AirAsia Berhad announced net profits of RM549 million ($162 million) for the full year 2009 despite what is described as the worst year in aviation history.
While globally passenger demand fell by 3.5%, AirAsia grew its passenger numbers by 21% to 14.25 million for the Malaysian operation. The combined Malaysian, Thailand and
Indonesian operations forming the AirAsia Group increased passenger numbers 24% to 22.7 million.
AirAsia CEO Tony Fernandes said
“We have successfully grown market share in every market we serve, opened up four new bases (Penang, Bandung, Phuket and Surabaya), launched new routes and amassed RM748 million cash in the balance sheet as a bulwark against any contingencies that may arise.”
AirAsia Thailand has captured substantial market share and delivered a core operating profit of THB334 million (RM34.1 million). Passenger numbers grew 23% and capacity measured in Available Seat Kilometres (ASK) and sales measured in Revenue Passenger Kilometres (RPK) both grew 26% year on year.
“The demand for air travel in Thailand has recovered after a prolonged period of challenges. The outlook for the first quarter remains strong with high passenger traffic, strong load factor and better yields. The Thai operation is enjoying the cost benefits of the increased number of Airbus A320 aircraft in its fleet,”
On AirAsia Indonesia, Fernandes said
“Indonesia is in the final stage of its aircraft renewal programme and this will help to enhance operational reliability, increase capacity and substantially reduce operational cost.
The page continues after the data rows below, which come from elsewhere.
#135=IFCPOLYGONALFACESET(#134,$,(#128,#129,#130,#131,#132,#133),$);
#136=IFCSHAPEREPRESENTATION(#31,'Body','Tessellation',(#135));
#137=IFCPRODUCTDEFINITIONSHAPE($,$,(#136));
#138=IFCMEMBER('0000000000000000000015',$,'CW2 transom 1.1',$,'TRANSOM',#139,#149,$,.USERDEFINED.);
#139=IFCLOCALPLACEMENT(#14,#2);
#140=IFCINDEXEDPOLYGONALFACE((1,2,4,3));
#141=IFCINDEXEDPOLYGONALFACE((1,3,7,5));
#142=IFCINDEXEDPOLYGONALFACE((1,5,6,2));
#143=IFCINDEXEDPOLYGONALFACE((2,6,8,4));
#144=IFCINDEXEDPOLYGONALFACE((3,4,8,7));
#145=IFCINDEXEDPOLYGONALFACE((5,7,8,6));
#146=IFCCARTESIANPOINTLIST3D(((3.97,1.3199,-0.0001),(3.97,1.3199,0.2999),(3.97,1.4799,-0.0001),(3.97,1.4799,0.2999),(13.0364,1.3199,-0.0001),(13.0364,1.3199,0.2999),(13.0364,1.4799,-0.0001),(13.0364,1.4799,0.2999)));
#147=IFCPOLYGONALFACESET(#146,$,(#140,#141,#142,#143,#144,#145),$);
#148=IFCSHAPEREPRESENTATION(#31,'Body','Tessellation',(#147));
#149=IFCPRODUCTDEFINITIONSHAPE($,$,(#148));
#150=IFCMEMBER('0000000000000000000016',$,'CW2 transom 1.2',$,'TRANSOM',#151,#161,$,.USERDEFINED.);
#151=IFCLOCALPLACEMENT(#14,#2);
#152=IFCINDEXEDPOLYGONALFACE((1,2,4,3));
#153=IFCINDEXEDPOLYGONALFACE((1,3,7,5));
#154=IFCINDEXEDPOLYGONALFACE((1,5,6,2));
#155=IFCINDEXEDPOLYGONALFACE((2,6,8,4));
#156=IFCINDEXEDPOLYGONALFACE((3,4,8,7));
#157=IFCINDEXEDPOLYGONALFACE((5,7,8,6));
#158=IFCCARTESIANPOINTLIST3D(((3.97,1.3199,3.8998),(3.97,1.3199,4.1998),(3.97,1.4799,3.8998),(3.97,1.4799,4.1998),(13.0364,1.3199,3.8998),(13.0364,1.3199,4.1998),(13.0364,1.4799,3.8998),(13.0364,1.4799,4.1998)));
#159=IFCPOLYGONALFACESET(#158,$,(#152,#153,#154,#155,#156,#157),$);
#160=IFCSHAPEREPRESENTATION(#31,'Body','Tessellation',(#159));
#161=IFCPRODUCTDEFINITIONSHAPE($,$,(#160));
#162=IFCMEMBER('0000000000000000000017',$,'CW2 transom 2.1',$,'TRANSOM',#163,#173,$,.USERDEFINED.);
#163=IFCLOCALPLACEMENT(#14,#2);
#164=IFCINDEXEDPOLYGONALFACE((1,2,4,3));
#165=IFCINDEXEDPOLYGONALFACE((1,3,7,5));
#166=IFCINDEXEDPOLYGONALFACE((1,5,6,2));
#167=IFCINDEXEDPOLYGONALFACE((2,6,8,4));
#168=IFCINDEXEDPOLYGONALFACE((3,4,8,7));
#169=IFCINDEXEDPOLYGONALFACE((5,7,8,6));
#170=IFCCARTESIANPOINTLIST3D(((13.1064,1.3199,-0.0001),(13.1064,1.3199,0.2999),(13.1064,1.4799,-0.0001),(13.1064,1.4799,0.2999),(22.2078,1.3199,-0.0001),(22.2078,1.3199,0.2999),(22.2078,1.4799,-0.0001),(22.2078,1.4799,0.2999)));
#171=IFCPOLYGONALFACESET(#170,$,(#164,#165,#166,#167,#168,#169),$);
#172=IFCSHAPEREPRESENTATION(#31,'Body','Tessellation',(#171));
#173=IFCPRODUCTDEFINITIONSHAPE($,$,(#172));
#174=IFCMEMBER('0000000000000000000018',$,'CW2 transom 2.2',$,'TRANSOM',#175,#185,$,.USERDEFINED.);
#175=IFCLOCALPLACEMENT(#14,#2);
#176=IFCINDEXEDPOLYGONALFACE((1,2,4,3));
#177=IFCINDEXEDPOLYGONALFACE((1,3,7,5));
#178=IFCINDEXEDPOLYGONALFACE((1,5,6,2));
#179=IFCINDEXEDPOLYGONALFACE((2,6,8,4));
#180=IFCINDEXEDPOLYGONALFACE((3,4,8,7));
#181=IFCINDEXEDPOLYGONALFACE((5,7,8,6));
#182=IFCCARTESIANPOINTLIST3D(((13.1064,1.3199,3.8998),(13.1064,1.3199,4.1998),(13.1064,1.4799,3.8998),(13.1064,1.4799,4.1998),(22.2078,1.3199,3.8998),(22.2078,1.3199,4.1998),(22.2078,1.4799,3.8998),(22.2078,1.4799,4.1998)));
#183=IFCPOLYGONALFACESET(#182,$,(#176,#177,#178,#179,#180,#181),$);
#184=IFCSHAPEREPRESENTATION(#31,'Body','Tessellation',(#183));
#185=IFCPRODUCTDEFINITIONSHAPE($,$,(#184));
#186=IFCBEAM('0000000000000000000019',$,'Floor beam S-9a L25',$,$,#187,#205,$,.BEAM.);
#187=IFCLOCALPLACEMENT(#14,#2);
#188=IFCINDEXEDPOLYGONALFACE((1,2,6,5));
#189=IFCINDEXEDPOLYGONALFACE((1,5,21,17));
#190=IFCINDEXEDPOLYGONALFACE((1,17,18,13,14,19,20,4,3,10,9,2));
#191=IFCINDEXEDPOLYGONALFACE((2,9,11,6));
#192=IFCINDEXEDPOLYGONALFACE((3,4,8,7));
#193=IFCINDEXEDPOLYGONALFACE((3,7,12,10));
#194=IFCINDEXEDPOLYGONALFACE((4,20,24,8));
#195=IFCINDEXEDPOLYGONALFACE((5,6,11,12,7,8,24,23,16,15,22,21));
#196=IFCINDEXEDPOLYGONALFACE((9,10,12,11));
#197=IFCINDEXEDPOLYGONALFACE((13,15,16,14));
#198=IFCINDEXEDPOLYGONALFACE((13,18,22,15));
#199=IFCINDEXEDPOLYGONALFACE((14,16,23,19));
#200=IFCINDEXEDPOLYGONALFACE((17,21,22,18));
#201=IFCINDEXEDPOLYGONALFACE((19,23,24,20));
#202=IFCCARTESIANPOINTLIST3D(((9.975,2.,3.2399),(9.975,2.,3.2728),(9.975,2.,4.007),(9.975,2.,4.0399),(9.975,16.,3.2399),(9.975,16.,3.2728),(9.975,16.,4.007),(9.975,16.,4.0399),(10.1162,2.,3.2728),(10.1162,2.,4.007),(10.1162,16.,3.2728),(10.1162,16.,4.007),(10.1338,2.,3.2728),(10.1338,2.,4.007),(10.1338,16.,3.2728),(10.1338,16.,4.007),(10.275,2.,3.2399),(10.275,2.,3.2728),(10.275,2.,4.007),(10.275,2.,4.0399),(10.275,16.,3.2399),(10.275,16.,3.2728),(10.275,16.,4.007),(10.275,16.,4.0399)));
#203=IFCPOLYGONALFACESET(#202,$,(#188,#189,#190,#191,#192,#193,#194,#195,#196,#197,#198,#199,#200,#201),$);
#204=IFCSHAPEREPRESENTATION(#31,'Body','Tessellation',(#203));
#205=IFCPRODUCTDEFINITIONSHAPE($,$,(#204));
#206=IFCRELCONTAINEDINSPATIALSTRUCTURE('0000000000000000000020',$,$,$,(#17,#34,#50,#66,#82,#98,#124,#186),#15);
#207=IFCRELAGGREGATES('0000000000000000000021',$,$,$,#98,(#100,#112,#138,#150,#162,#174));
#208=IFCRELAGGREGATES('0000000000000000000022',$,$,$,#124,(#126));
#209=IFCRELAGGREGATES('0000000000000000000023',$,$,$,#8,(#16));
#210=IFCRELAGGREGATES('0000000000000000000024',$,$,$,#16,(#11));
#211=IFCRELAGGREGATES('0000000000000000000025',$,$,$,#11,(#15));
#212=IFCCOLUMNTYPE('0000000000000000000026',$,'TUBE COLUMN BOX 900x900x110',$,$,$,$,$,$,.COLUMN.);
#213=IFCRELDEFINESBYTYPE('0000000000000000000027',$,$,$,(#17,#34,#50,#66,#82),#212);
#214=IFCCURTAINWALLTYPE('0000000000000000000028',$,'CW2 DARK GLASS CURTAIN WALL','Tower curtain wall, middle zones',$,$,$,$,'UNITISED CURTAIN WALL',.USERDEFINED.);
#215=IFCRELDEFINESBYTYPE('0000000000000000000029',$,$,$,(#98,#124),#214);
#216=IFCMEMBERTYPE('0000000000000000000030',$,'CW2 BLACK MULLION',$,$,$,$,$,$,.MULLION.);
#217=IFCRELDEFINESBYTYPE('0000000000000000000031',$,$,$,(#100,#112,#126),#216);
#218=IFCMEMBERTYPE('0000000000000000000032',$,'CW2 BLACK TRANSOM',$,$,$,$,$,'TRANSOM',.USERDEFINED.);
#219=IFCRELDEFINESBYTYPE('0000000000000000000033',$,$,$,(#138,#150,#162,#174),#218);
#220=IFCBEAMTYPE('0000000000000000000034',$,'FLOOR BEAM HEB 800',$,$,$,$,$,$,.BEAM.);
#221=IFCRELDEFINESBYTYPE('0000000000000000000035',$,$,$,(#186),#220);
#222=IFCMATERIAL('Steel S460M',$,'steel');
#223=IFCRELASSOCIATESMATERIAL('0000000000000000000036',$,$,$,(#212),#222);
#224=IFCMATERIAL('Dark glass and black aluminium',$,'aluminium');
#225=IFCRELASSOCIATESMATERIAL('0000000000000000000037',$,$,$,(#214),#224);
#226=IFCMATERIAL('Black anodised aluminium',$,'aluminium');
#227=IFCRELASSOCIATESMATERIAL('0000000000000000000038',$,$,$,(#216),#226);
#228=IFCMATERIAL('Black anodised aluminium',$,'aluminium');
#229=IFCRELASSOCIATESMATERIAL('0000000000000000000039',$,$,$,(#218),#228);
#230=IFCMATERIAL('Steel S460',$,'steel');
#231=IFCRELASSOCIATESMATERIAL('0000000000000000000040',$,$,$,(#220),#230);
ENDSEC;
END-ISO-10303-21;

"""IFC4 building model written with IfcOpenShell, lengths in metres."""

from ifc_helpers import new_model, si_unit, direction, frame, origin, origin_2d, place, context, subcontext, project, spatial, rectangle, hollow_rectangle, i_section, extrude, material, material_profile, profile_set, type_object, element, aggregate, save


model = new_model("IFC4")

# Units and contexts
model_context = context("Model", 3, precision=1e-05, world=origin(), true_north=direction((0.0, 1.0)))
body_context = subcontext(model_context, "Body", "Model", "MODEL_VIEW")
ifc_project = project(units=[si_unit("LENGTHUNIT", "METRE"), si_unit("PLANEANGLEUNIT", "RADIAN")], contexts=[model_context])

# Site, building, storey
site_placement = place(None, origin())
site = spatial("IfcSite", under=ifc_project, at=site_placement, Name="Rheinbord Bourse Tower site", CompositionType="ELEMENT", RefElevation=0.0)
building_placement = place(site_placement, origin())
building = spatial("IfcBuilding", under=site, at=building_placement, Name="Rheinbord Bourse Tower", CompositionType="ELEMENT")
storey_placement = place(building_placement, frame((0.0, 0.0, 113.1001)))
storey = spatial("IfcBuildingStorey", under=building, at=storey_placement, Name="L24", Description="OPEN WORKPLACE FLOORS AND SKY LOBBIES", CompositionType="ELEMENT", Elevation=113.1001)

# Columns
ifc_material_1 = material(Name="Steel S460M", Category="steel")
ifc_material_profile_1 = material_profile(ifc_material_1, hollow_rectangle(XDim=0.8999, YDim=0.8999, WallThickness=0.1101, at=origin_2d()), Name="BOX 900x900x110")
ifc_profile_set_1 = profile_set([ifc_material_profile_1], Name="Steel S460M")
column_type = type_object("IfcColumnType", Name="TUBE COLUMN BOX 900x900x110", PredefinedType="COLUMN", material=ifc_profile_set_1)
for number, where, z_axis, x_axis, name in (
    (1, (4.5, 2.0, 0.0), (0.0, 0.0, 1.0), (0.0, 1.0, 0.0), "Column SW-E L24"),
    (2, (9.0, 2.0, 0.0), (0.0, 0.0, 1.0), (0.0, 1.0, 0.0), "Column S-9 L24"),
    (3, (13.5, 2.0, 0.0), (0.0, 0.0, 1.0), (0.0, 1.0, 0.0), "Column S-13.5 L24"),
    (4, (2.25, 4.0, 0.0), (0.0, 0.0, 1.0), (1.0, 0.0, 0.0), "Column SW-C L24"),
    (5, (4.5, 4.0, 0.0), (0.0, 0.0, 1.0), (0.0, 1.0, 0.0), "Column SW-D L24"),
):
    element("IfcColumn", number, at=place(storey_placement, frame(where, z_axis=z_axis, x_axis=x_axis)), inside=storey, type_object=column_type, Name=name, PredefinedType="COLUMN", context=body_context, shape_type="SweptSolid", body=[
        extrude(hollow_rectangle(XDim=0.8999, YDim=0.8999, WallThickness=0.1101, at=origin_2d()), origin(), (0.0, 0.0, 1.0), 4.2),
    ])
As Indonesia receives more Airbus A320 aircraft, it will replicate the cost advantages in Malaysia and is on course to deliver sustainable profits for the full year 2010.”
Key Performance Indicators
While full details are in the enclosed document, some KPIs for fiscal 2009 are revealing.
- Passenger seat load factors dipped marginally 0.4% to 75%.
- ASKs grew 17% to 21,977 mn and RPKs grew 14% to 15,432 mn.
- The average fare declined 17% to RM168.2 ($47.70) but ancillary revenue increased a whopping 46% to RM29.1 ($8.25) cushioning the fall of per passenger revenue down 12% to RM197.3 ($55.96).
- Revenue per ASK declined 8% to RM0.1354 ($0.0384) and cost per ASK (CASK) declined 19% to RM0.1041 ($0.0295). However CASK without fuel grew 14% to RM0.0616 ($0.0174) and this can spell trouble for AirAsia as fuel prices are beginning to rise as Asian economies recover.
Fernandes is optimistic on the outlook for 2010. The recovering economy he claims will permit increases in fares.
“There are early signs that the global economy is stabilising and the benefits are already visible in the aviation industry. Passenger traffic is growing, particularly in the LCC segment. The supply-demand conditions are favourable to upward revision of fares in certain sectors.”
However, input costs, salaries, and other inflationary pressures which were suppressed during the economic slowdown are re-asserting themselves as the economic revival speeds up across Asia and the fiscal reports show AirAsia has not been successful in controlling its costs during 2009.
AirAsia claims to have identified nine new routes which will be launched soon and is projecting passenger growth of 11%~14% in 2010.
AirAsia indicated will re-examine its operations to extract greater cost savings.
“We’re fine tuning the current route network to extract higher yields. We’re also set to become an all-Airbus fleet throughout the Group by the third quarter – which will help lower operational costs, increase capacity and give us a clear edge over the competition,” he said. In addition, AirAsia’s joint collaboration with Australia’s Jetstar (and Jetstar’s parent, Qantas) in operational aspects such as procurement, engineering and ground handling is expected to contribute substantial savings
However an increase in costs during an extreme economic downturn makes Fenandes’ claim a little hard to accept at face value.